Grace - 2010 to 2018

Building on the successful provision of High Performance Computing resources to the research community at UEA for a number of years, the Research Computing Services tendered for a new High Performance Computing Cluster to be installed in 2010 and looked to develop an ongoing partnership with a HPC provider. This included meeting a number of challenges: Provide effective and reliable HPC resource fitting the research communities requirements Sustainable HPC Making HPC more accessible

A partnership was formed with Viglen Ltd, who share the goals of developing High Performance Computing with us, and were keen  to engage in developing a true collaborative partnership to take Research Computing at UEA into the future.

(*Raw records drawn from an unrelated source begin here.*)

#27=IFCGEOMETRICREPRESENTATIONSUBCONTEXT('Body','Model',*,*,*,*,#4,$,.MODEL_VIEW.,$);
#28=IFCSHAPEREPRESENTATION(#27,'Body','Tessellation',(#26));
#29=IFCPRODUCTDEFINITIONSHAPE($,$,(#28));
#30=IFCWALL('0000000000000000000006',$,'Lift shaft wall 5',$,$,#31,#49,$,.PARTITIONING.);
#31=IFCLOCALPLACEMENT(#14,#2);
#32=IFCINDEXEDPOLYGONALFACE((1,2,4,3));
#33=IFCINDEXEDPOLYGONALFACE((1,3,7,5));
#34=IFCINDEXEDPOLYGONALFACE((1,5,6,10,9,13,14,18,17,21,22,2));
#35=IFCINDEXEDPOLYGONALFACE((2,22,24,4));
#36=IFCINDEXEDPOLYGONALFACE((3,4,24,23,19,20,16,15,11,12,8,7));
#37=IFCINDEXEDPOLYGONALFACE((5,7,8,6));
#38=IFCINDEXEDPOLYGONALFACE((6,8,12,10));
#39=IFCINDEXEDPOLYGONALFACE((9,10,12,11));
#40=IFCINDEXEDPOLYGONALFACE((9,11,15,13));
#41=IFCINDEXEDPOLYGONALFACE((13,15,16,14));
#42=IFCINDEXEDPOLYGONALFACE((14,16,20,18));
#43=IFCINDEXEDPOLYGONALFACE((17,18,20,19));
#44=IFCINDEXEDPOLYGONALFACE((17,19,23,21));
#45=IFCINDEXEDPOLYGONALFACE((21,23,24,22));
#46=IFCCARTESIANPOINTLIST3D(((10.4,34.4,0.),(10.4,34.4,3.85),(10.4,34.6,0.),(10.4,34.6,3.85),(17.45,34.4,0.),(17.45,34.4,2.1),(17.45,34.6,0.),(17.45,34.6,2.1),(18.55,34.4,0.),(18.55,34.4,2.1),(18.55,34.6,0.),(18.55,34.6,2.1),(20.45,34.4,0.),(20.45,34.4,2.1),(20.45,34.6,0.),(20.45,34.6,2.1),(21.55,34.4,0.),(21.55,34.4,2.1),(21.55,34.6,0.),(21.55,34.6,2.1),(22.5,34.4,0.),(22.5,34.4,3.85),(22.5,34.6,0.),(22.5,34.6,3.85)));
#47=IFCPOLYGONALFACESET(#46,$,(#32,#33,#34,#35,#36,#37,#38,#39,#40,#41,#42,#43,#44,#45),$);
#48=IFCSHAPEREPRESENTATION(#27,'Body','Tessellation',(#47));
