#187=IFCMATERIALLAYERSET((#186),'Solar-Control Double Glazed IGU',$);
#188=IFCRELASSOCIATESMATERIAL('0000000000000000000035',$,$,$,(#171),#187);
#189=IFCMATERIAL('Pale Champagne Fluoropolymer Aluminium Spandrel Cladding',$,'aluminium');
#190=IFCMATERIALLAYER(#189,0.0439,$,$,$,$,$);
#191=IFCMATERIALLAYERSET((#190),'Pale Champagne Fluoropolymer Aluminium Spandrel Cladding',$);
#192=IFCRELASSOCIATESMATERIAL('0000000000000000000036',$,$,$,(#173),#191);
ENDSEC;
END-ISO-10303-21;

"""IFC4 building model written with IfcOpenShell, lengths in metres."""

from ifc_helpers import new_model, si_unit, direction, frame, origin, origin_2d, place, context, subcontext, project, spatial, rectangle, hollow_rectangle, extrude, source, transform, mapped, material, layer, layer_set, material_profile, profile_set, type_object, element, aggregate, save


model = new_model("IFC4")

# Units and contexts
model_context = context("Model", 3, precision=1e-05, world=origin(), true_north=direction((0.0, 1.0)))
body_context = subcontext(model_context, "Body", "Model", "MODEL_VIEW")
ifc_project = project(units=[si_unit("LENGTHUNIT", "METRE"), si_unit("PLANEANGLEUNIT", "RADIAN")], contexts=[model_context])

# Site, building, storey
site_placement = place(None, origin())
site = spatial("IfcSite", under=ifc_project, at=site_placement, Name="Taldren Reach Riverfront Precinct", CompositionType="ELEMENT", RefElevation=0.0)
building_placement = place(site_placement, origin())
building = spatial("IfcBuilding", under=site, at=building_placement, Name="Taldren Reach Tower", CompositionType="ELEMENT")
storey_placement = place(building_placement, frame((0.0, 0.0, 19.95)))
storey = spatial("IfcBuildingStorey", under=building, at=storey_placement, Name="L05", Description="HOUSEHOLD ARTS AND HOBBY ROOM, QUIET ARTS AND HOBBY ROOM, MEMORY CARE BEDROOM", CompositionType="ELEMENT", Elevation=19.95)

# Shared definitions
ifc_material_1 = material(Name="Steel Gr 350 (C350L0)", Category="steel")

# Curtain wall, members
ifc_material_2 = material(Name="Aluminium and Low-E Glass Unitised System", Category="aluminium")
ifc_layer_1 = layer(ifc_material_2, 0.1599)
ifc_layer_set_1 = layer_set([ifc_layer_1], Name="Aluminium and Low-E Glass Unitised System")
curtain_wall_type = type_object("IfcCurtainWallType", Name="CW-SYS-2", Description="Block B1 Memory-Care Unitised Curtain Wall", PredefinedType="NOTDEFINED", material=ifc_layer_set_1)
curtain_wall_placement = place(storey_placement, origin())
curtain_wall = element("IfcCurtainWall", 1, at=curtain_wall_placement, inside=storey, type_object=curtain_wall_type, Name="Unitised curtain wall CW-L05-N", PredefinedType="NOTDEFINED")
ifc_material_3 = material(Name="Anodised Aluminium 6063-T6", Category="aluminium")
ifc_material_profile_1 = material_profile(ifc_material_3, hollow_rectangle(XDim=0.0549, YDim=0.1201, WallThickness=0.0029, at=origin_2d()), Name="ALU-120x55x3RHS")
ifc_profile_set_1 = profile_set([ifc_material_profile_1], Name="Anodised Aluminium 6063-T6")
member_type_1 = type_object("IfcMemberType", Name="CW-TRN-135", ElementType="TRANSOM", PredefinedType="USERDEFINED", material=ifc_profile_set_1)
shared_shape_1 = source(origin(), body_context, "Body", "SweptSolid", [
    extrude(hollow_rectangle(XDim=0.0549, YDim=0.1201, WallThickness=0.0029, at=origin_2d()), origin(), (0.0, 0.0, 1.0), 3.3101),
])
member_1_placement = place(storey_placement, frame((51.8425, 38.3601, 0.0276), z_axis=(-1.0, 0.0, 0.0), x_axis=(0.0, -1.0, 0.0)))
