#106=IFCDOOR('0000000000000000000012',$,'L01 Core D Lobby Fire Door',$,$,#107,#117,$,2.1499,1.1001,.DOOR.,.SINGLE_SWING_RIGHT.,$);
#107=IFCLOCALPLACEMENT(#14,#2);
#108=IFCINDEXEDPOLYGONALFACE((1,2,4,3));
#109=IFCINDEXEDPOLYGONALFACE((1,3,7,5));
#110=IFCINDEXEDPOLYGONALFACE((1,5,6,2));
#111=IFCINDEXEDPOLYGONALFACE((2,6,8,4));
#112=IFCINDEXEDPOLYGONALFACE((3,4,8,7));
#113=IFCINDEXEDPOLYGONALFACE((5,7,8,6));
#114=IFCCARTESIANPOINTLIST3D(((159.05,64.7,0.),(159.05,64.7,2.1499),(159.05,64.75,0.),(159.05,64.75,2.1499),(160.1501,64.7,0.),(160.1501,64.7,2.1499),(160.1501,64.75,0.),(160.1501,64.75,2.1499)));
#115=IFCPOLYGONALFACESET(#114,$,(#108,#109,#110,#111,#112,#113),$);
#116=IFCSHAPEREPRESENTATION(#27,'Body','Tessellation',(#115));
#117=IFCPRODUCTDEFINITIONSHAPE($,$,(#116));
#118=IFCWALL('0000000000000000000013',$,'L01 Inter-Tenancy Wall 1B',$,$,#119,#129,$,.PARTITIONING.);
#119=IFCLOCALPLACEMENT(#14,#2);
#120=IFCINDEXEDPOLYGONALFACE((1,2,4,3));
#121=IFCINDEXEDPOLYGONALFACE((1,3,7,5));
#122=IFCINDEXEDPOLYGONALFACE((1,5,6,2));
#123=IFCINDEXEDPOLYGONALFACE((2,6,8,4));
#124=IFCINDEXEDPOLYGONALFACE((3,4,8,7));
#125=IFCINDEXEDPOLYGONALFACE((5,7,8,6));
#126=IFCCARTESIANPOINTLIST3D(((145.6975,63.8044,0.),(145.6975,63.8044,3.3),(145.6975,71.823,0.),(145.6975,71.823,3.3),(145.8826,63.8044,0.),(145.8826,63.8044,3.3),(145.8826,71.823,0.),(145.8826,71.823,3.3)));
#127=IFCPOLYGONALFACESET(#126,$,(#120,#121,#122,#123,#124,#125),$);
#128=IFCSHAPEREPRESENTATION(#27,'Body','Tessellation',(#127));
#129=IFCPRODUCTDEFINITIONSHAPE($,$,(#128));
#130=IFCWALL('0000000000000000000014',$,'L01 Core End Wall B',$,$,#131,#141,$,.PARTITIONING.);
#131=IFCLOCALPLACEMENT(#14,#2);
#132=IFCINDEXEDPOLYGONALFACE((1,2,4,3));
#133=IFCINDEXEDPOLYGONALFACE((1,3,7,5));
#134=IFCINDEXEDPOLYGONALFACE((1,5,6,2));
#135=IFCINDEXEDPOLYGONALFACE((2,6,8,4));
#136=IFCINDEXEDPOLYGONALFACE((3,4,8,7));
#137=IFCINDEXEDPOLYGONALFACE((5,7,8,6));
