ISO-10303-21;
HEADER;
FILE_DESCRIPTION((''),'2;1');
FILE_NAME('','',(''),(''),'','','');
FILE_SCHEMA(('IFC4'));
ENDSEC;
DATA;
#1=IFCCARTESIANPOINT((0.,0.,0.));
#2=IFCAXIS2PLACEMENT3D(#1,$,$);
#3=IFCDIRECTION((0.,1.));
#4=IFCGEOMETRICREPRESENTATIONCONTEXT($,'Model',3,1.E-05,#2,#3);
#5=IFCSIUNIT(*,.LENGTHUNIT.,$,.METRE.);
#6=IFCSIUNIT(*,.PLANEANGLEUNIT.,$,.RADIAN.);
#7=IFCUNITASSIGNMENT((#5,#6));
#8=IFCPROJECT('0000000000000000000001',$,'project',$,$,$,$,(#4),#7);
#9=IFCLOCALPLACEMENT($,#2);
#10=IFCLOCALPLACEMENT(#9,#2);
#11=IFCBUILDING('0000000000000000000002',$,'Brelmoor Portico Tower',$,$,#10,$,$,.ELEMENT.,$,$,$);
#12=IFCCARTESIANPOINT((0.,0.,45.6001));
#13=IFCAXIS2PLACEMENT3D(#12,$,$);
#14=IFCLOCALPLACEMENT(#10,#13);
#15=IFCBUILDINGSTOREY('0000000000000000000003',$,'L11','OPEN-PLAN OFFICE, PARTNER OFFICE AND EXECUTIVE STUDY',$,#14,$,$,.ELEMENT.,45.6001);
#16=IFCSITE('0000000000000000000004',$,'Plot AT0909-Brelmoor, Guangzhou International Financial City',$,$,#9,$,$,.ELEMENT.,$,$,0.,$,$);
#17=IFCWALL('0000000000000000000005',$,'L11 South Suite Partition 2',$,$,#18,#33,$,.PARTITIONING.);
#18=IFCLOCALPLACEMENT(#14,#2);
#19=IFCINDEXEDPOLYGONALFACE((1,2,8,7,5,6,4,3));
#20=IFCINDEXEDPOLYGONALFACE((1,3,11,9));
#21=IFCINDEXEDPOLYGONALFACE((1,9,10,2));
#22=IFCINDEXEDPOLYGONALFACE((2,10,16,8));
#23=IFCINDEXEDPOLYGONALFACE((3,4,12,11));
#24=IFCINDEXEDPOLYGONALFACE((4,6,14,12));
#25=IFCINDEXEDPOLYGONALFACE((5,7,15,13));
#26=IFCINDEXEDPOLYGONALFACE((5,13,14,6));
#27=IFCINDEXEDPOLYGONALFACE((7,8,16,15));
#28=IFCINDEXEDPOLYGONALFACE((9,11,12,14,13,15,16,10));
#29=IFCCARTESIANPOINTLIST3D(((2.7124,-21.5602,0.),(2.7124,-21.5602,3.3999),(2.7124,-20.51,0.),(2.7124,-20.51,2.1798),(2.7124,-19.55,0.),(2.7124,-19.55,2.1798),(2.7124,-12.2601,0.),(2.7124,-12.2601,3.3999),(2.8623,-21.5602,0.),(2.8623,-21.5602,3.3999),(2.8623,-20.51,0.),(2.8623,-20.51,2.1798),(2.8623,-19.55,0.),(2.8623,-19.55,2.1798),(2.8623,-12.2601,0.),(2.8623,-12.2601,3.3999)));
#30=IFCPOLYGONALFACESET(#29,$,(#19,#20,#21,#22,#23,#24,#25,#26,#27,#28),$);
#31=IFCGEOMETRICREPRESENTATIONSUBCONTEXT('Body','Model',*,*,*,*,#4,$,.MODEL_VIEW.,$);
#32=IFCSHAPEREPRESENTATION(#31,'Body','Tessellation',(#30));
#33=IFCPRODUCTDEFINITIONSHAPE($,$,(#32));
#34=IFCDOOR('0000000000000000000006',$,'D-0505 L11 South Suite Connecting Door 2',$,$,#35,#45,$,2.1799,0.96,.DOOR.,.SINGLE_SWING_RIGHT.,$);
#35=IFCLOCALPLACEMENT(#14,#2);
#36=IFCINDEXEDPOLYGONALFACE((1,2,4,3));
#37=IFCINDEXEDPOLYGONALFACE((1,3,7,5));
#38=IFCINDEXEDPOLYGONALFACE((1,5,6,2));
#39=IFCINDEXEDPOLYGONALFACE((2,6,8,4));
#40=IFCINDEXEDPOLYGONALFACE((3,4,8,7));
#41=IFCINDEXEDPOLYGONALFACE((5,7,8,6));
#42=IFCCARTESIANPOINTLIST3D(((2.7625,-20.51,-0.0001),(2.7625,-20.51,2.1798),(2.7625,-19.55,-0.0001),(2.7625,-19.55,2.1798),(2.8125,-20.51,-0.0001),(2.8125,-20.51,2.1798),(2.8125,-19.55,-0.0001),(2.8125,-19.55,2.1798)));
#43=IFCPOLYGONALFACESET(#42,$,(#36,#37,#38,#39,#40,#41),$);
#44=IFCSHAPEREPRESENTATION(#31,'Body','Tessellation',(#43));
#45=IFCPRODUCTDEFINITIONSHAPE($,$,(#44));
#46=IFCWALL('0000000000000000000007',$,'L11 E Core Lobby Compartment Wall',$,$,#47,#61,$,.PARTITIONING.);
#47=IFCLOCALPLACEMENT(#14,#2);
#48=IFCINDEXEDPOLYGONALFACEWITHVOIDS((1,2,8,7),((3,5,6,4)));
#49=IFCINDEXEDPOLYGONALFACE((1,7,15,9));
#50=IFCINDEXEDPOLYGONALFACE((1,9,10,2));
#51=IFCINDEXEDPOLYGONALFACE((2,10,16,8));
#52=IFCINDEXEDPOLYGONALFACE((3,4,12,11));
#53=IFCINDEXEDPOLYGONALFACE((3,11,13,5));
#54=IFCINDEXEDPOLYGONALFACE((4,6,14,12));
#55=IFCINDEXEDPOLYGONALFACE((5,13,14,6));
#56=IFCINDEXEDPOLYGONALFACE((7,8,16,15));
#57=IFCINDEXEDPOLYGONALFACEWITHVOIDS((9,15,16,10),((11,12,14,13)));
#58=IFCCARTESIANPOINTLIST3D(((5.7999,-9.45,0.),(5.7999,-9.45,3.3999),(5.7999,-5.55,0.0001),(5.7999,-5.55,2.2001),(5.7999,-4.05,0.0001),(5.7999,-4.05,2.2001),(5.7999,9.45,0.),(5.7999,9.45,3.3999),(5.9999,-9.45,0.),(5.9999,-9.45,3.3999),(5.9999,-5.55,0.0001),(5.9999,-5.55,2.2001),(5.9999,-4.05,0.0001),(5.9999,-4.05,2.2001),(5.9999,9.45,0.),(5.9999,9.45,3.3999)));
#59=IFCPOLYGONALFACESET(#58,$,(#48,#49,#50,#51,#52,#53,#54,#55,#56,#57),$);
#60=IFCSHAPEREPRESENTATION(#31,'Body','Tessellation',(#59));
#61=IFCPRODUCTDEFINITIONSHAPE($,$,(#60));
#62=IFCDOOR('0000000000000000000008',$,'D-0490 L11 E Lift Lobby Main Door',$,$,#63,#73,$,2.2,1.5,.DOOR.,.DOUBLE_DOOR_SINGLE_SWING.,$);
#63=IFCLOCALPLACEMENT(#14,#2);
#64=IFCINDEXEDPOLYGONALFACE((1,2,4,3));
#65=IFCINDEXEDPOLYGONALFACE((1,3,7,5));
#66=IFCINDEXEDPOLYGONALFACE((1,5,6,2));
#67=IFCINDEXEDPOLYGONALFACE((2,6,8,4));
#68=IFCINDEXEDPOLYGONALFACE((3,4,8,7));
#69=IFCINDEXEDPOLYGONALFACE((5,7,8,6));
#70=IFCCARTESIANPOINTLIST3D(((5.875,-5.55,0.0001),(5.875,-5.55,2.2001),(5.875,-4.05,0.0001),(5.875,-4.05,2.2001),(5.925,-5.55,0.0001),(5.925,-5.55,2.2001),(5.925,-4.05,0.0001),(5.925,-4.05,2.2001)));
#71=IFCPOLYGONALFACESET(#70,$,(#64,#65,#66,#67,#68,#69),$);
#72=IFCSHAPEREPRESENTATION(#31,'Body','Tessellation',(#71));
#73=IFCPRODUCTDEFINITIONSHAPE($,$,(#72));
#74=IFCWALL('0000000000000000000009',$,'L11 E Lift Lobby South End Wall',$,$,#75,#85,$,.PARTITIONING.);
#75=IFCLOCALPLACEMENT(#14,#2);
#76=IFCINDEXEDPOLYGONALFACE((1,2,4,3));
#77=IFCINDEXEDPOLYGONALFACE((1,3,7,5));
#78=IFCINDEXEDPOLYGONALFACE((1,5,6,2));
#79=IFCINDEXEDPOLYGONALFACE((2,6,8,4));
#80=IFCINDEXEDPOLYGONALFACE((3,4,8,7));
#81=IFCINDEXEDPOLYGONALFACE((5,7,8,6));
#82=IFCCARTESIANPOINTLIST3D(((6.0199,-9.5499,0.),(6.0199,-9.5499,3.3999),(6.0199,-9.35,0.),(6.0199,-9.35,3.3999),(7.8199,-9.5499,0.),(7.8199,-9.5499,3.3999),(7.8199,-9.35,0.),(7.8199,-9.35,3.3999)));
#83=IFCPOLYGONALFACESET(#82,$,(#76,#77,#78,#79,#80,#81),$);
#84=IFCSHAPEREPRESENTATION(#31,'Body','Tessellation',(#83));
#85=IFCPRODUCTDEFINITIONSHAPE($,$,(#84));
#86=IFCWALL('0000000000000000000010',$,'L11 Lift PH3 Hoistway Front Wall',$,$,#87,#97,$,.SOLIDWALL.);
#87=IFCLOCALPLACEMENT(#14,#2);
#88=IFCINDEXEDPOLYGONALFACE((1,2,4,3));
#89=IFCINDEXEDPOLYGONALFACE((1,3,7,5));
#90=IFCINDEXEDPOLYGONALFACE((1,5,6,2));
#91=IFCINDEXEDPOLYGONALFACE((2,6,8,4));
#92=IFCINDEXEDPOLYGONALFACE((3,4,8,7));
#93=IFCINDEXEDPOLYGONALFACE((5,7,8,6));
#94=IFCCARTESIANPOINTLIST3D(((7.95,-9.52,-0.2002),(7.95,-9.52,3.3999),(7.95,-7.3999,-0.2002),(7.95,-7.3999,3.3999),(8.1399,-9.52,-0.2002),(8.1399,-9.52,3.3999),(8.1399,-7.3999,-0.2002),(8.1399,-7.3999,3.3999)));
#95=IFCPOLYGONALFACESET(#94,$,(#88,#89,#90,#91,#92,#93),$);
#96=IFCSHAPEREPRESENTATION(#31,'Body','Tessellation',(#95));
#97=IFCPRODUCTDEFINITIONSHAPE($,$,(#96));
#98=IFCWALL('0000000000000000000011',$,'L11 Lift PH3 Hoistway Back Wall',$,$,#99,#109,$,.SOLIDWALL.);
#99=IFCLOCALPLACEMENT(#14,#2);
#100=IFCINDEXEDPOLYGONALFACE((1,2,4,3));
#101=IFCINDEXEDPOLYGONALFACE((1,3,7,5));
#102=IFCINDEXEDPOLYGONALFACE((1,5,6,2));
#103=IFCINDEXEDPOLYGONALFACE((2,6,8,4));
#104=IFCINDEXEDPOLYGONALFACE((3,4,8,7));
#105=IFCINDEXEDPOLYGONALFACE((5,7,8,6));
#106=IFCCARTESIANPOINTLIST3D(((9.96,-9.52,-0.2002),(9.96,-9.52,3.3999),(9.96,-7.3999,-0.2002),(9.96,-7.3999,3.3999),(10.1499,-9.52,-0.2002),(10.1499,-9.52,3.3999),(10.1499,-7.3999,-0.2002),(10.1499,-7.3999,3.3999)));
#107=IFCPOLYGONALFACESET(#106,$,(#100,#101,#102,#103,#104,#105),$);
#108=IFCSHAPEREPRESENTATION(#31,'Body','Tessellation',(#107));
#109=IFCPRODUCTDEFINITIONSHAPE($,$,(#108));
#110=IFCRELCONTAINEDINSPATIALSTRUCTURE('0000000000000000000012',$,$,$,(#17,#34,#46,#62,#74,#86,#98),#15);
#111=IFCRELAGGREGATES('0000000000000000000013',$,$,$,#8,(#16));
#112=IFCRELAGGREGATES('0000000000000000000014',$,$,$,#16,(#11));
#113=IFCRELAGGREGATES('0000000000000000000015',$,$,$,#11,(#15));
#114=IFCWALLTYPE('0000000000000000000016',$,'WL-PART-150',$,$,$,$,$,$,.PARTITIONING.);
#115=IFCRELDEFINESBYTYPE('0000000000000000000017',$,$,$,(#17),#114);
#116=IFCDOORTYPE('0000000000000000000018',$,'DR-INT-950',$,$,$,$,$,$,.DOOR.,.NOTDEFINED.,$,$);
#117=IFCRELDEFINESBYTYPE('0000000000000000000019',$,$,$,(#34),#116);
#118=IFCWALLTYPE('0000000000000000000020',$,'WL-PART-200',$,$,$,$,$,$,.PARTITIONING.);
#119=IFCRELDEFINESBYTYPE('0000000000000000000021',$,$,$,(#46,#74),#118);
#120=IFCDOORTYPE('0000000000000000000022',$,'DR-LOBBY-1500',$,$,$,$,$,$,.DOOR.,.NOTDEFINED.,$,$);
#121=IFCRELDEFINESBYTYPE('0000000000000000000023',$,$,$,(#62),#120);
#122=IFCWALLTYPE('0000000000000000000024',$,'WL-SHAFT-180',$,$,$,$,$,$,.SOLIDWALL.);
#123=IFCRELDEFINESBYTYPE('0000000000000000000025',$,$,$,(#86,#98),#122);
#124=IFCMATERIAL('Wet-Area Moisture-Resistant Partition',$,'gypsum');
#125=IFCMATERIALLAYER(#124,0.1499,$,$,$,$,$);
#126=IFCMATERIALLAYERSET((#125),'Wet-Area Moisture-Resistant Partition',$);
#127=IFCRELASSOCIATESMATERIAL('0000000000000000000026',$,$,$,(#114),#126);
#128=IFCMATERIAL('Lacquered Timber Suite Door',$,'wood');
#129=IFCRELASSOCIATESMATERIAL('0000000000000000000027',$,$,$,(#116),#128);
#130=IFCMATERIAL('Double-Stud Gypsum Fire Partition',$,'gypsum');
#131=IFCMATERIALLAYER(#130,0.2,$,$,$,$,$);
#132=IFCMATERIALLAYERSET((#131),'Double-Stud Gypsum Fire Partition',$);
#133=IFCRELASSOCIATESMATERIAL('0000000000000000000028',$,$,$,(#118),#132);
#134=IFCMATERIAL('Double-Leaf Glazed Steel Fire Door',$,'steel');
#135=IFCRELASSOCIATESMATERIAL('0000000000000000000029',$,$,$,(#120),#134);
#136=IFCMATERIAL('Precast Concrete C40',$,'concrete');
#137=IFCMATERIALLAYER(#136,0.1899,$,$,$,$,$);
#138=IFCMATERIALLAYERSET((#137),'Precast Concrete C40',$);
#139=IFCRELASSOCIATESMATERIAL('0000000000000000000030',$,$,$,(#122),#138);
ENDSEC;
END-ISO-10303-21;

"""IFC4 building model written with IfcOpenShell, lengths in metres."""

from ifc_helpers import new_model, si_unit, direction, frame, frame_2d, origin, place, context, subcontext, project, spatial, rectangle, extrude, material, layer, layer_set, type_object, element, fill, save


model = new_model("IFC4")

# Units and contexts
model_context = context("Model", 3, precision=1e-05, world=origin(), true_north=direction((0.0, 1.0)))
body_context = subcontext(model_context, "Body", "Model", "MODEL_VIEW")
ifc_project = project(units=[si_unit("LENGTHUNIT", "METRE"), si_unit("PLANEANGLEUNIT", "RADIAN")], contexts=[model_context])

# Site, building, storey
site_placement = place(None, origin())
site = spatial("IfcSite", under=ifc_project, at=site_placement, Name="Plot AT0909-Brelmoor, Guangzhou International Financial City", CompositionType="ELEMENT", RefElevation=0.0)
building_placement = place(site_placement, origin())
building = spatial("IfcBuilding", under=site, at=building_placement, Name="Brelmoor Portico Tower", CompositionType="ELEMENT")
storey_placement = place(building_placement, frame((0.0, 0.0, 45.6001)))
storey = spatial("IfcBuildingStorey", under=building, at=storey_placement, Name="L11", Description="OPEN-PLAN OFFICE, PARTNER OFFICE AND EXECUTIVE STUDY", CompositionType="ELEMENT", Elevation=45.6001)

# Shared definitions
ifc_material_1 = material(Name="Wet-Area Moisture-Resistant Partition", Category="gypsum")
ifc_layer_1 = layer(ifc_material_1, 0.1499)
ifc_layer_set_1 = layer_set([ifc_layer_1], Name="Wet-Area Moisture-Resistant Partition")
wall_type_1 = type_object("IfcWallType", Name="WL-PART-150", PredefinedType="PARTITIONING", material=ifc_layer_set_1)

# Walls, openings, doors
wall_1_placement = place(storey_placement, frame((2.7874, -21.5601, 0.0), z_axis=(0.0, 0.0, 1.0), x_axis=(0.0, 1.0, 0.0)))
wall_1 = element("IfcWall", 1, at=wall_1_placement, inside=storey, type_object=wall_type_1, Name="L11 South Suite Partition 2", PredefinedType="PARTITIONING", context=body_context, shape_type="SweptSolid", body=[
    extrude(rectangle(XDim=9.3, YDim=0.1499, at=frame_2d((4.6499, 0.0))), origin(), (0.0, 0.0, 1.0), 3.3999),
])
opening_1_placement = place(wall_1_placement, frame((1.05, 0.0, 0.0)))
opening_1 = element("IfcOpeningElement", 2, at=opening_1_placement, cuts=wall_1, PredefinedType="OPENING", context=body_context, shape_type="SweptSolid", body=[
    extrude(rectangle(XDim=0.96, YDim=2.1799, at=frame_2d((0.48, 1.0898))), frame((0.0, 0.085, 0.0), z_axis=(0.0, -1.0, 0.0), x_axis=(1.0, 0.0, 0.0)), (0.0, 0.0, 1.0), 0.1699),
])
ifc_material_2 = material(Name="Lacquered Timber Suite Door", Category="wood")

The new cluster was funded by ISD and was a major advance on the existing resource, providing a significant increase in both core count and performance.

A competition was launched to name the cluster. Toby Richmond's (MAC) suggestion of ‘Grace' was selected from almost 800 entries. Toby said: "I thought it would be a good idea to recognise the contribution of female IT pioneers like Grace Hopper". The judges also noted the name provides a relevant and appropriate acronym in ‘Greener Research Computing Environment'.

Grace (the first iteration) ran Red Hat compatible Centos 5.5 and the powerful Platform LSF workload manager and consisted  of:

  •     168 Dual processor, six core Intel X5650 2.66GHz systems
  •     Each system with 24Gig of RAM (2Gig per core).
  •     Quad Data Rate Infiniband on 56 nodes – 672 parallel cores
  •     Total of 2016 cores
  •     Theoretical peak performance of 21.45TFlops
     

Grace used the existing GPFS storage cluster:

  •     2 Dell PowerEdge 1950 Intel Harpertown dual quad core 2.0GHz 8Gb RAM – SAN attached  nodes
  •     2 HP ProLiant DL380 G5 Intel dual quad core 2.0GHz 16GB RAM – SAN attached nodes
  •     2 HP ProLiant DL380 G5 Intel dual dual core 2.0GHz 16GB RAM – SAN attached nodes
  •     SVC attached IBM Enterprise SAN storage current capacity approx 32TB
  •     Dell MD3000/MD1000 Storage array current capacity approx 20TB
  •     HSM Tape archive current capacity 40TB
     

Over the following years there was an ongoing increase in capacity in grace, encompassing increased core count for both sequential and parallel computing, faster processors, and more capacity for large memory computing.  Storage capacity (backed  up, scratch, and archive) grew substantially to over 100Tb. 

In 2012 phase 2 added an additional 64 nodes providing an additional 1024 cores running on Intel Sandybridge E5-2670 2.6GHz CPUs.

In 2013 phase 3, the large memory machine count was increased, the addition of 68 compute nodes providing a total of 1088 Sandybride cores.  Once again these nodes were based on the Intel Xeon E5-2670 2.60GHz 8 core processors, providing each node with 16 computation slots, and 32GB of RAM.  Additional Infiniband infrastructure wereincluded, with the separation of nodes as:

  • 48 Infiniband nodes providing an additional 768 parallel slots
  • 20 standard Ethernet nodes providing an additional 320 sequential slots
  • added to the large memory resource
    • 18 nodes with 48GB of memory
    • 8 nodes with 64GB of memory
    • 1 nodes with 128GB of memory


The upgrade took Grace up to more than 300 computational nodes, increasing the core count up to 4148 cores, with a theoretical peak performance of nearly 65TFlops.  The new hardware was installed in the UEA Data Centre 1, separate from the majority of the existing Grace hardware which is located in UEA Data Centre 2, which helped improve service availability and resilience.

In 2014 phase 4 added a further 640 IB cores, and a storage upgrade.  The new Ivy Bridge CPU based compute nodes were, 2 x 10 core CPU’s (20 cores) running @ 2.5GHz, with 64GB of memory.